Bahamian police officer (born 1961)

Ellison Edroy Greenslade QPM (born 24 May 1961) is a Bahamian retired police officer who was Commissioner of Police of the Royal Bahamas Police Force (2010 - 2017), and then became the Bahamas High Commissioner to the Court of St. James's (United Kingdom).

==Education==
Greenslade was born in New Providence on 24 May 1961 and attended schools in Cedar Harbor, Abaco; Lovely Bay, Acklins; Kemp's Bay, Andros; Knowles, Cat Island; and Stephen Dillet, Nassau.

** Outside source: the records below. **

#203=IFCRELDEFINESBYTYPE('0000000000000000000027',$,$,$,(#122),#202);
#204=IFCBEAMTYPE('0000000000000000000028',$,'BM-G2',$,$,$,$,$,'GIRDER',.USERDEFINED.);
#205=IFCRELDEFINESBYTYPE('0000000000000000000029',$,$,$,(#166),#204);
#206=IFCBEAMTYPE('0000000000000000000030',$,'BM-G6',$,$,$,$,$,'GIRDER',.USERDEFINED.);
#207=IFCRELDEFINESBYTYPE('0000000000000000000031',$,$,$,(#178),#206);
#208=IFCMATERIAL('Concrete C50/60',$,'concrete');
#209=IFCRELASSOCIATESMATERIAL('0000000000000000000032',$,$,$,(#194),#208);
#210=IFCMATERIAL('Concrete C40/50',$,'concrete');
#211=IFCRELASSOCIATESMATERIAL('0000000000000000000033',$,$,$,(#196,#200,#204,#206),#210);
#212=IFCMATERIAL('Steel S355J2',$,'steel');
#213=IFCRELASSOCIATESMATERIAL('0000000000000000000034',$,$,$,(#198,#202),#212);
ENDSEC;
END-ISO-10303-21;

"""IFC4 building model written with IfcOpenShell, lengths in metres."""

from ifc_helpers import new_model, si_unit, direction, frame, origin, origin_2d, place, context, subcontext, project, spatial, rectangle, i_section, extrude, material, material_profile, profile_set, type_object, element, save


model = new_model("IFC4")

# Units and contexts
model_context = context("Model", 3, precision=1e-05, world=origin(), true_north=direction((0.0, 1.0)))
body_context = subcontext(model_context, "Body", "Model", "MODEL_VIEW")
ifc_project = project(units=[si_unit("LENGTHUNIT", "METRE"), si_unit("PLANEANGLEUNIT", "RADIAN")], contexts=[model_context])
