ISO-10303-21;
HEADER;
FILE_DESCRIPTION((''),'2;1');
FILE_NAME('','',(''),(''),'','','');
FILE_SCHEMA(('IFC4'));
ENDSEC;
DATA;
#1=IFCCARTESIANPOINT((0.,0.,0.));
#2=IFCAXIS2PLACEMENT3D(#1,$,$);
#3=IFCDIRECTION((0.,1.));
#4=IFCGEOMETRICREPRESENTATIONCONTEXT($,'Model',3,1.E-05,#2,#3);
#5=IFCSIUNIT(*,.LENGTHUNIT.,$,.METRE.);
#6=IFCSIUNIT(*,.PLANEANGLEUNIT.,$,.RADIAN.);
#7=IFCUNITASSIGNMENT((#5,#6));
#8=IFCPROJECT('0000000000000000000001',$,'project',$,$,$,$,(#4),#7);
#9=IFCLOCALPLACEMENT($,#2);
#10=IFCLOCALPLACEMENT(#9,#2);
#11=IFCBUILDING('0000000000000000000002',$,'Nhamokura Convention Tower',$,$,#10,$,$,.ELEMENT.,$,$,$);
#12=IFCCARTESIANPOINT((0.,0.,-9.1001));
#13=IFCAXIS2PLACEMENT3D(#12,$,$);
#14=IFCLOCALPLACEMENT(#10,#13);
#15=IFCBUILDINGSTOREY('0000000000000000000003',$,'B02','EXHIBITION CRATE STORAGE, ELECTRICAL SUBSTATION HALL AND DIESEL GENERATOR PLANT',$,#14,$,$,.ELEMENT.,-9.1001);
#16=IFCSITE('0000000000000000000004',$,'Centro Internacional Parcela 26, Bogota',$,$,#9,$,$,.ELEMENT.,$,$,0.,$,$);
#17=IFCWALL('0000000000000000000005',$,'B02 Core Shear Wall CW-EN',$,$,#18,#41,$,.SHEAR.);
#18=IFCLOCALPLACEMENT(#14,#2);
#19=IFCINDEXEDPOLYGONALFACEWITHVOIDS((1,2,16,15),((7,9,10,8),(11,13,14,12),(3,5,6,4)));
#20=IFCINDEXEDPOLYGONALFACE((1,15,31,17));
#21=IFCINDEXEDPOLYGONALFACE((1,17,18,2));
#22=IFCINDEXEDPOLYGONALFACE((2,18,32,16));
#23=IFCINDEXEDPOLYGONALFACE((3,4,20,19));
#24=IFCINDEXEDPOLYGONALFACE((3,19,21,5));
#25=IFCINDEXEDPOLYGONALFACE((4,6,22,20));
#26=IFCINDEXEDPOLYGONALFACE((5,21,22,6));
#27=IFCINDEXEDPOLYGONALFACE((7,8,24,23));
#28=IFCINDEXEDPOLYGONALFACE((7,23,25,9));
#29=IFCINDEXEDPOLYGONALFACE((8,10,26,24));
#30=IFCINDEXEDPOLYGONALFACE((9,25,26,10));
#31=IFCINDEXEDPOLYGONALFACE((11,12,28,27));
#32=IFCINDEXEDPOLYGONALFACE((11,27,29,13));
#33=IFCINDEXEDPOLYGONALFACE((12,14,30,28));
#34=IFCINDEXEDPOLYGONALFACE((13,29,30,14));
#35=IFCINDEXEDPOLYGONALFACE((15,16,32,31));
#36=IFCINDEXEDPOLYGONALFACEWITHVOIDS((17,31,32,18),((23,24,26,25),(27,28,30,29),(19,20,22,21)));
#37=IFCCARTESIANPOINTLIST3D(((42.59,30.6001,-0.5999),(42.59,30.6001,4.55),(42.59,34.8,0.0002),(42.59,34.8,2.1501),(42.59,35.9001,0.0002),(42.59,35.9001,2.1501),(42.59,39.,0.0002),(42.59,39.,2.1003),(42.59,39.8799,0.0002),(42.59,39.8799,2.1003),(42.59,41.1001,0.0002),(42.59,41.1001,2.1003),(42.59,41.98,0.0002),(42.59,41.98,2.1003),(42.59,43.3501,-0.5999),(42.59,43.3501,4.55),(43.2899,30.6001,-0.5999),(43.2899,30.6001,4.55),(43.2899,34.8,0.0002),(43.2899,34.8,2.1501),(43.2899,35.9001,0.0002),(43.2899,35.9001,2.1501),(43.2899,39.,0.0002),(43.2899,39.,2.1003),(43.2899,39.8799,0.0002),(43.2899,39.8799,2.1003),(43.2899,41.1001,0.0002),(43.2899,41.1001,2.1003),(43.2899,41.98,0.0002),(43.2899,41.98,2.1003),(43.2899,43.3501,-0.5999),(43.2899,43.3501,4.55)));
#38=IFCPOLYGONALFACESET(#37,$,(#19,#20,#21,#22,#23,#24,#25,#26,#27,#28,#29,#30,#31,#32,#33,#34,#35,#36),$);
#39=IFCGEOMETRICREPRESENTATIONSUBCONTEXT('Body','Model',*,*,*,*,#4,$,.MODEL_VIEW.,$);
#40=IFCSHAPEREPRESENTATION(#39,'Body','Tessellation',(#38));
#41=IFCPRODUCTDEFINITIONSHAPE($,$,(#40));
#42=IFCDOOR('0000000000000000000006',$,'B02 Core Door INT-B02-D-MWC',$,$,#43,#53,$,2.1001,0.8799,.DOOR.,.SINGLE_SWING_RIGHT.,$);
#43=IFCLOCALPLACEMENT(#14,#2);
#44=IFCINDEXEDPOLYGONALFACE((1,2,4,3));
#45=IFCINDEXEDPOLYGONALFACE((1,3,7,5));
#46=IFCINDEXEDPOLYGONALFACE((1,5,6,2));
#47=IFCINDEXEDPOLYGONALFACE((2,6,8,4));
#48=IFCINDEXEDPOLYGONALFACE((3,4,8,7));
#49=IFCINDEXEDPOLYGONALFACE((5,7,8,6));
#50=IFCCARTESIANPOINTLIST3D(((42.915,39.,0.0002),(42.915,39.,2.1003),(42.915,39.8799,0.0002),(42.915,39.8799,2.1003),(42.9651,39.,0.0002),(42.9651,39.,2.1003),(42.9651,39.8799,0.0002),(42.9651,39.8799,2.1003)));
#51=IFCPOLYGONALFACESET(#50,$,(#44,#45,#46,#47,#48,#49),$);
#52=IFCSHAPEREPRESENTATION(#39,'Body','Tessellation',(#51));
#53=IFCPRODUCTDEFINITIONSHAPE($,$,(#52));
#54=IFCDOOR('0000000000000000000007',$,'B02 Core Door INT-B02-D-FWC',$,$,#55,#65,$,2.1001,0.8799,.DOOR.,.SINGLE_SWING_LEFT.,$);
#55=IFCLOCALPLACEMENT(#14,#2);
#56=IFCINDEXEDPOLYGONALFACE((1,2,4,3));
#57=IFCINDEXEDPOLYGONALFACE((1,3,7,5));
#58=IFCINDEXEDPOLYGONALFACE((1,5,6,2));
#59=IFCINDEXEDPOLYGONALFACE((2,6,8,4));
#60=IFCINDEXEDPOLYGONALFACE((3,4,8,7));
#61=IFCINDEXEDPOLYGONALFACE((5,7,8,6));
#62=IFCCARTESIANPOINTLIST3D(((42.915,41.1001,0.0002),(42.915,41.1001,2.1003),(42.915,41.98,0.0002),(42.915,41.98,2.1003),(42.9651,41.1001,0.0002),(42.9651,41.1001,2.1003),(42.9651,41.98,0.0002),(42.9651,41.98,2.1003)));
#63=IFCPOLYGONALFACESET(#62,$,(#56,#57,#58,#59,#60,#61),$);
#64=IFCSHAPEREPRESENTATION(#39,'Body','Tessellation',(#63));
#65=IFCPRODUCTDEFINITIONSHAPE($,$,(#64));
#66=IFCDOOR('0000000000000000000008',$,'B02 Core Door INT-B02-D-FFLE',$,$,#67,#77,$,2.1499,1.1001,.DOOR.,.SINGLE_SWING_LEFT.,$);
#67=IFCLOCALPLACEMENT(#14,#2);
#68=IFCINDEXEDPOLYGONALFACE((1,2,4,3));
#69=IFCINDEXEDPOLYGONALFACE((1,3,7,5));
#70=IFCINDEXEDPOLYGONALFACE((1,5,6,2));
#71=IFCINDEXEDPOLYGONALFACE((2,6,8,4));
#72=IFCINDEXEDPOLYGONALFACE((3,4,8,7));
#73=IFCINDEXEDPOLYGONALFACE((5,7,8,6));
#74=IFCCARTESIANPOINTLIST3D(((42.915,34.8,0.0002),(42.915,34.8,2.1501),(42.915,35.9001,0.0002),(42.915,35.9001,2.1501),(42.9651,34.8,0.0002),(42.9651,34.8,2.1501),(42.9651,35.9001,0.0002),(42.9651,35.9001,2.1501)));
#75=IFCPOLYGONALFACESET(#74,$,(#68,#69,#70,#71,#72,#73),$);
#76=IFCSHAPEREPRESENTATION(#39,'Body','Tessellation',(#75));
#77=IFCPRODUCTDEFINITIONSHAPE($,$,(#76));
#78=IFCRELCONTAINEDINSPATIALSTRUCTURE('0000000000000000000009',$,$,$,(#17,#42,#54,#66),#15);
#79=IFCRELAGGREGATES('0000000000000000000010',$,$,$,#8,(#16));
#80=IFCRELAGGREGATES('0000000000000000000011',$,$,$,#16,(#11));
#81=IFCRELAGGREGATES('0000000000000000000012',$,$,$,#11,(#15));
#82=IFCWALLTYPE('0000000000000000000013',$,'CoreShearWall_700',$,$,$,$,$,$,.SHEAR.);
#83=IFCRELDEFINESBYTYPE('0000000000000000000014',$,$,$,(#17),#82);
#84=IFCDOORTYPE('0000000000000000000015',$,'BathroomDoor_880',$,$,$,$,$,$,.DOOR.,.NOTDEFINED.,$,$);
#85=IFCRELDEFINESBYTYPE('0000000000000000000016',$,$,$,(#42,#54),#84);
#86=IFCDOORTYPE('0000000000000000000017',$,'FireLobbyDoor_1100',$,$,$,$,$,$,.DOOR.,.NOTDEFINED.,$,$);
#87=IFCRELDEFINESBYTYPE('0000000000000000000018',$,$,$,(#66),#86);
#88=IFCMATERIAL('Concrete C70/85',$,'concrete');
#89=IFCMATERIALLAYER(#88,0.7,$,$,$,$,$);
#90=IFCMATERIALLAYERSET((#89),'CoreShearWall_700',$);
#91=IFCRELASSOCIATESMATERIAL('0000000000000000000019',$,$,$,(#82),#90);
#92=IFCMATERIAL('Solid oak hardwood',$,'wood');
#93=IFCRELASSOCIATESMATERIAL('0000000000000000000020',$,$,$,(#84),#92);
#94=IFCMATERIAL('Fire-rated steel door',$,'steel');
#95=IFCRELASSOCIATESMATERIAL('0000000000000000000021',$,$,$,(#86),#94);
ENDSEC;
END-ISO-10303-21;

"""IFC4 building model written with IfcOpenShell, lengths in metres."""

from ifc_helpers import new_model, si_unit, direction, frame, frame_2d, origin, place, context, subcontext, project, spatial, rectangle, extrude, material, layer, layer_set, type_object, element, fill, save


model = new_model("IFC4")

# Units and contexts
model_context = context("Model", 3, precision=1e-05, world=origin(), true_north=direction((0.0, 1.0)))
body_context = subcontext(model_context, "Body", "Model", "MODEL_VIEW")
ifc_project = project(units=[si_unit("LENGTHUNIT", "METRE"), si_unit("PLANEANGLEUNIT", "RADIAN")], contexts=[model_context])

# Site, building, storey
site_placement = place(None, origin())
site = spatial("IfcSite", under=ifc_project, at=site_placement, Name="Centro Internacional Parcela 26, Bogota", CompositionType="ELEMENT", RefElevation=0.0)
building_placement = place(site_placement, origin())
building = spatial("IfcBuilding", under=site, at=building_placement, Name="Nhamokura Convention Tower", CompositionType="ELEMENT")
storey_placement = place(building_placement, frame((0.0, 0.0, -9.1001)))
storey = spatial("IfcBuildingStorey", under=building, at=storey_placement, Name="B02", Description="EXHIBITION CRATE STORAGE, ELECTRICAL SUBSTATION HALL AND DIESEL GENERATOR PLANT", CompositionType="ELEMENT", Elevation=-9.1001)

# Shared definitions
ifc_material_1 = material(Name="Concrete C70/85", Category="concrete")
ifc_layer = layer(ifc_material_1, 0.7)
ifc_layer_set = layer_set([ifc_layer], Name="CoreShearWall_700")
wall_type = type_object("IfcWallType", Name="CoreShearWall_700", PredefinedType="SHEAR", material=ifc_layer_set)

# Wall, openings, doors
wall_1_placement = place(storey_placement, frame((42.9399, 30.6001, -0.5999), z_axis=(0.0, 0.0, 1.0), x_axis=(0.0, 1.0, 0.0)))
wall_1 = element("IfcWall", 1, at=wall_1_placement, inside=storey, type_object=wall_type, Name="B02 Core Shear Wall CW-EN", PredefinedType="SHEAR", context=body_context, shape_type="SweptSolid", body=[
    extrude(rectangle(XDim=12.75, YDim=0.7, at=frame_2d((6.375, 0.0))), origin(), (0.0, 0.0, 1.0), 5.1499),
])
opening_1_placement = place(wall_1_placement, frame((4.2, 0.0, 0.6001)))
opening_1 = element("IfcOpeningElement", 2, at=opening_1_placement, cuts=wall_1, PredefinedType="OPENING", context=body_context, shape_type="SweptSolid", body=[
    extrude(rectangle(XDim=1.1001, YDim=2.1499, at=frame_2d((0.55, 1.075))), frame((0.0, 0.3599, 0.0), z_axis=(0.0, -1.0, 0.0), x_axis=(1.0, 0.0, 0.0)), (0.0, 0.0, 1.0), 0.72),
])
opening_2_placement = place(wall_1_placement, frame((8.3999, 0.0, 0.6001)))
opening_2 = element("IfcOpeningElement", 3, at=opening_2_placement, cuts=wall_1, PredefinedType="OPENING", context=body_context, shape_type="SweptSolid", body=[
    extrude(rectangle(XDim=0.8799, YDim=2.1001, at=frame_2d((0.4399, 1.05))), frame((0.0, 0.3599, 0.0), z_axis=(0.0, -1.0, 0.0), x_axis=(1.0, 0.0, 0.0)), (0.0, 0.0, 1.0), 0.72),
])
opening_3_placement = place(wall_1_placement, frame((10.5, 0.0, 0.6001)))
opening_3 = element("IfcOpeningElement", 4, at=opening_3_placement, cuts=wall_1, PredefinedType="OPENING", context=body_context, shape_type="SweptSolid", body=[
    extrude(rectangle(XDim=0.8799, YDim=2.1001, at=frame_2d((0.4399, 1.05))), frame((0.0, 0.3599, 0.0), z_axis=(0.0, -1.0, 0.0), x_axis=(1.0, 0.0, 0.0)), (0.0, 0.0, 1.0), 0.72),
])
ifc_material_2 = material(Name="Solid oak hardwood", Category="wood")
door_type_1 = type_object("IfcDoorType", Name="BathroomDoor_880", OperationType="NOTDEFINED", PredefinedType="DOOR", material=ifc_material_2)
door_1_placement = place(opening_2_placement, origin())
door_1 = element("IfcDoor", 5, at=door_1_placement, inside=storey, type_object=door_type_1, Name="B02 Core Door INT-B02-D-MWC", OperationType="SINGLE_SWING_RIGHT", OverallHeight=2.1001, OverallWidth=0.8799, PredefinedType="DOOR", context=body_context, shape_type="SweptSolid", body=[
    extrude(rectangle(XDim=0.8799, YDim=2.1001, at=frame_2d((0.4399, 1.05))), frame((0.0, 0.0249, 0.0), z_axis=(0.0, -1.0, 0.0), x_axis=(1.0, 0.0, 0.0)), (0.0, 0.0, 1.0), 0.05),
])
fill(opening_2, door_1)
door_2_placement = place(opening_3_placement, origin())
door_2 = element("IfcDoor", 6, at=door_2_placement, inside=storey, type_object=door_type_1, Name="B02 Core Door INT-B02-D-FWC", OperationType="SINGLE_SWING_LEFT", OverallHeight=2.1001, OverallWidth=0.8799, PredefinedType="DOOR", context=body_context, shape_type="SweptSolid", body=[
    extrude(rectangle(XDim=0.8799, YDim=2.1001, at=frame_2d((0.4399, 1.05))), frame((0.0, 0.0249, 0.0), z_axis=(0.0, -1.0, 0.0), x_axis=(1.0, 0.0, 0.0)), (0.0, 0.0, 1.0), 0.05),
])
fill(opening_3, door_2)
ifc_material_3 = material(Name="Fire-rated steel door", Category="steel")
door_type_2 = type_object("IfcDoorType", Name="FireLobbyDoor_1100", OperationType="NOTDEFINED", PredefinedType="DOOR", material=ifc_material_3)
door_3_placement = place(opening_1_placement, origin())
door_3 = element("IfcDoor", 7, at=door_3_placement, inside=storey, type_object=door_type_2, Name="B02 Core Door INT-B02-D-FFLE", OperationType="SINGLE_SWING_LEFT", OverallHeight=2.1499, OverallWidth=1.1001, PredefinedType="DOOR", context=body_context, shape_type="SweptSolid", body=[
    extrude(rectangle(XDim=1.1001, YDim=2.1499, at=frame_2d((0.55, 1.075))), frame((0.0, 0.0249, 0.0), z_axis=(0.0, -1.0, 0.0), x_axis=(1.0, 0.0, 0.0)), (0.0, 0.0, 1.0), 0.05),
])
fill(opening_1, door_3)

save(model, "model.ifc")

He graduated from S.C. McPherson Junior High and the Government High School, both in Nassau, New Providence. Upon graduation from the Police Training College, he continued studies on a part-time basis. He subsequently obtained an associate degree in Business Administration from the University of the Bahamas. He holds a postgraduate degree in police management and law enforcement from the University of Leicester in the United Kingdom. He also holds an MBA from the University of Miami, 1997.

==Career==

Greenslade joined the Senior Executive Leadership Team (SELT) of the Royal Bahamas Police Force in July 2000, when he was appointed Assistant Commissioner of policing services on Grand Bahama which required him to be transferred to Freeport, Grand Bahama. He served in Freeport for seven years, making him the longest serving Northern Bahamas district commander. Greenslade returned to Nassau once he was appointed to the rank of Senior Assistant Commissioner of Police.

==Honours==
Greenslade was awarded the Queen's Police Medal for services to policing and the community.